Having to enforce firecode daily, I can *totally* relate to this. We've trained our staff here not to be too apologetic; that if you come to them asking them to move in a voice of authority, normally people will be accomidating. Unless they're not supposed to be there in the first place (snuck in) or they're drunk or something. It helps not to take such interactions personally; you're helping to protect the audience as a whole.


----------



## Anonymous067 (Dec 18, 2010)

I guess a person like me would assume it is common sense. And really, I have so many better things I could be doing besides enforcing fire code. And I also try not to, but when you're the only one on staff for a small one-night dance show, everything becomes your job. From moving tables to getting mics ready, to, apparently, enforcing fire code. Maybe next time I'll bring out some of those movie-theater style rope deals...a tape a sign to them saying "By order of the Fire Marshall, keep out." or something like that. I thought the propped up chairs did the trick, but apparently not.

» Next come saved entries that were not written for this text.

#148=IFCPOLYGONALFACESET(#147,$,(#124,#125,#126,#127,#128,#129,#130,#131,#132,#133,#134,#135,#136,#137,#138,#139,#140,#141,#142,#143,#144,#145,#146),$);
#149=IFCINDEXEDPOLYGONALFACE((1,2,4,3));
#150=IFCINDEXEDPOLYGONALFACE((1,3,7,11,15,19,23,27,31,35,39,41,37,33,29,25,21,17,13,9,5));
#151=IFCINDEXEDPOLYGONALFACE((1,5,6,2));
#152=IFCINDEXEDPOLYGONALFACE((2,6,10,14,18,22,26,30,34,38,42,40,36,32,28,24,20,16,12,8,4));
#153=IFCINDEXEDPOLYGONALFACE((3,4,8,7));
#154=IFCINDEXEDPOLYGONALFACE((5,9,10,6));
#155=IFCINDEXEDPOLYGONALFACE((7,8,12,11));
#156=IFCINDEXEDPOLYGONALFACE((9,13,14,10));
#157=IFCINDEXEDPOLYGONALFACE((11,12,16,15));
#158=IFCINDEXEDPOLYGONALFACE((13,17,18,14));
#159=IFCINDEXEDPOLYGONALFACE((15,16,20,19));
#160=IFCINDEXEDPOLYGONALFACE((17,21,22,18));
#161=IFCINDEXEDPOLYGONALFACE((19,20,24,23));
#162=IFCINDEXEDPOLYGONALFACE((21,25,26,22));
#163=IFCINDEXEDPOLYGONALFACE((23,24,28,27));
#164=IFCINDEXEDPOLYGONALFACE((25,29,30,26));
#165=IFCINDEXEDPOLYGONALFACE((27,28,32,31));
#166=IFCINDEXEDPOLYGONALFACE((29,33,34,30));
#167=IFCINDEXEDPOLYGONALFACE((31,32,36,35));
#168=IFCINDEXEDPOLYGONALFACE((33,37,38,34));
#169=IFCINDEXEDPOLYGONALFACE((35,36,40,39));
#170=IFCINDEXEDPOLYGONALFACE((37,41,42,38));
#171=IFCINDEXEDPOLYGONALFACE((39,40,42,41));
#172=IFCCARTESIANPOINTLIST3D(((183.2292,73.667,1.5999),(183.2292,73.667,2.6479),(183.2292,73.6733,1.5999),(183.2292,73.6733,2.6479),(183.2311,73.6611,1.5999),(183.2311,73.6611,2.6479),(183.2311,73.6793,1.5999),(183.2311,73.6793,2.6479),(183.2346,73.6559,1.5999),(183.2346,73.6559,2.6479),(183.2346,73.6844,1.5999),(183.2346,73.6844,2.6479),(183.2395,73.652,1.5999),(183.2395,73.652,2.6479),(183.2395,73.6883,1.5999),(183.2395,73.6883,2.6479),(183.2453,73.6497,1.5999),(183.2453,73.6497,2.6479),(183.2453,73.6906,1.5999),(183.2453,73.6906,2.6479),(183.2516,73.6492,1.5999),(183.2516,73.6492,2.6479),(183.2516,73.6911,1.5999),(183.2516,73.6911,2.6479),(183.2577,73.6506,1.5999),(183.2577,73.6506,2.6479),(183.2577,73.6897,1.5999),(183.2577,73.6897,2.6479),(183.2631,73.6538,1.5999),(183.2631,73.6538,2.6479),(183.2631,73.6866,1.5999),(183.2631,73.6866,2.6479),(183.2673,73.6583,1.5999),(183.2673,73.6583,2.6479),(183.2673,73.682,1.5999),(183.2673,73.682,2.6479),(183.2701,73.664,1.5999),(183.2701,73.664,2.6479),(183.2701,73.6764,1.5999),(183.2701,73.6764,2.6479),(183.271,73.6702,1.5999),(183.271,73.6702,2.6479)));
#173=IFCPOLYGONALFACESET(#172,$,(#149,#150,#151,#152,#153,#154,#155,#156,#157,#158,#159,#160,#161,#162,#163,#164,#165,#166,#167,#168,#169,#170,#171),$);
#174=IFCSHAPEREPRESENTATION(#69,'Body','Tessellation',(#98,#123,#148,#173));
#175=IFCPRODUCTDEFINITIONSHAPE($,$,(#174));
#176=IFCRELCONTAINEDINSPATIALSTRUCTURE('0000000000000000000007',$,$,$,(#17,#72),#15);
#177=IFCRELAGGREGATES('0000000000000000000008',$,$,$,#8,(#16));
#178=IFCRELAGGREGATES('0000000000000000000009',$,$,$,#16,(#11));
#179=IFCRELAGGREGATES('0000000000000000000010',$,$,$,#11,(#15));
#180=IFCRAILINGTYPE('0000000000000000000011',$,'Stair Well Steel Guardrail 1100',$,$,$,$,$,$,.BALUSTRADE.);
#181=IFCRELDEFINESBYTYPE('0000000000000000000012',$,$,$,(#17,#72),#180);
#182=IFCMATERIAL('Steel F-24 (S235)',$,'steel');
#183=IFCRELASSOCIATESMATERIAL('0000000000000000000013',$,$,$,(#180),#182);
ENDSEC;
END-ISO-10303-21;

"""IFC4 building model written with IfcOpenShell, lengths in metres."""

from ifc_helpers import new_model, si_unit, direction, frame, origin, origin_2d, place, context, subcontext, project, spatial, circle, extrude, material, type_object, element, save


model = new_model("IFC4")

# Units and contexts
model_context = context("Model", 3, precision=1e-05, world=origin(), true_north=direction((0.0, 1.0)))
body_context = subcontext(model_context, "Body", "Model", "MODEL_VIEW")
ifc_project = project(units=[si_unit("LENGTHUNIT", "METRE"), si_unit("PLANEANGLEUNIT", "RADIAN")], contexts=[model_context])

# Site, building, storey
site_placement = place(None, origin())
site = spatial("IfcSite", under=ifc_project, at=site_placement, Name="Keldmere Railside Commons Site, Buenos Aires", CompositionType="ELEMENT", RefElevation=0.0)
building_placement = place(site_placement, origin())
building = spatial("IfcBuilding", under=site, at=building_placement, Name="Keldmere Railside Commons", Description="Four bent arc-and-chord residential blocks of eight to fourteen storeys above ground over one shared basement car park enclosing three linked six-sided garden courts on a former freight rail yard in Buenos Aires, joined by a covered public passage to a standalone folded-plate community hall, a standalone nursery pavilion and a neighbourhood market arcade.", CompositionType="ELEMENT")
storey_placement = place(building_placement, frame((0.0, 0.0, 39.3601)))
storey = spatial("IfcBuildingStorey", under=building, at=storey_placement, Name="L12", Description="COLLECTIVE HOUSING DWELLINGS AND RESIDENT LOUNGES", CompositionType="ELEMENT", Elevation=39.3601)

Does anybody else have signage like this around their facility?

Actually, earlier this week I used some creative signs to keep the random boyfriends/girlfriends away from backstage during a pageant..."For your safety, Cast, Escorts, and Crew only permitted beyond this point." signed-"-[insert school district name here] schools staff-

It worked well.


----------



## tjrobb (Dec 20, 2010)

We have two house managers, and at least one of them can put the fear of God into her ushers... and the patrons. (Actually a great person to work with). With her at least NO ONE messes around with the ushers, or our regulations. Maybe try giving the HM a little more power, and have them put the FOG into patrons. (OT, this is also the HM that gave us the Go after intermission even though not everyone was back because the group that hadn't returned was refusing to sit. From what I hear they missed the first scene).


----------



## gafftaper (Dec 30, 2010)

The key here, as Tjrobb just said, is good house management. Someone is in charge of the facility. That person has the right to make rules and enforce them. She wouldn't try this at the big opera house down town because they have a house management staff that is in charge and knows that they actually have the authority to enforce the rules. I'm assuming this was in a school which gets very murky about who really is in charge of the space and who decides which rules are enforced. 

In my space it's simple, the house lights stay up, the stage lights and sound stay off until the lady sits down. My theater, my rules, and the house manager enforces them. If you don't like it you can have your money back. No debate or argument. What do you say? 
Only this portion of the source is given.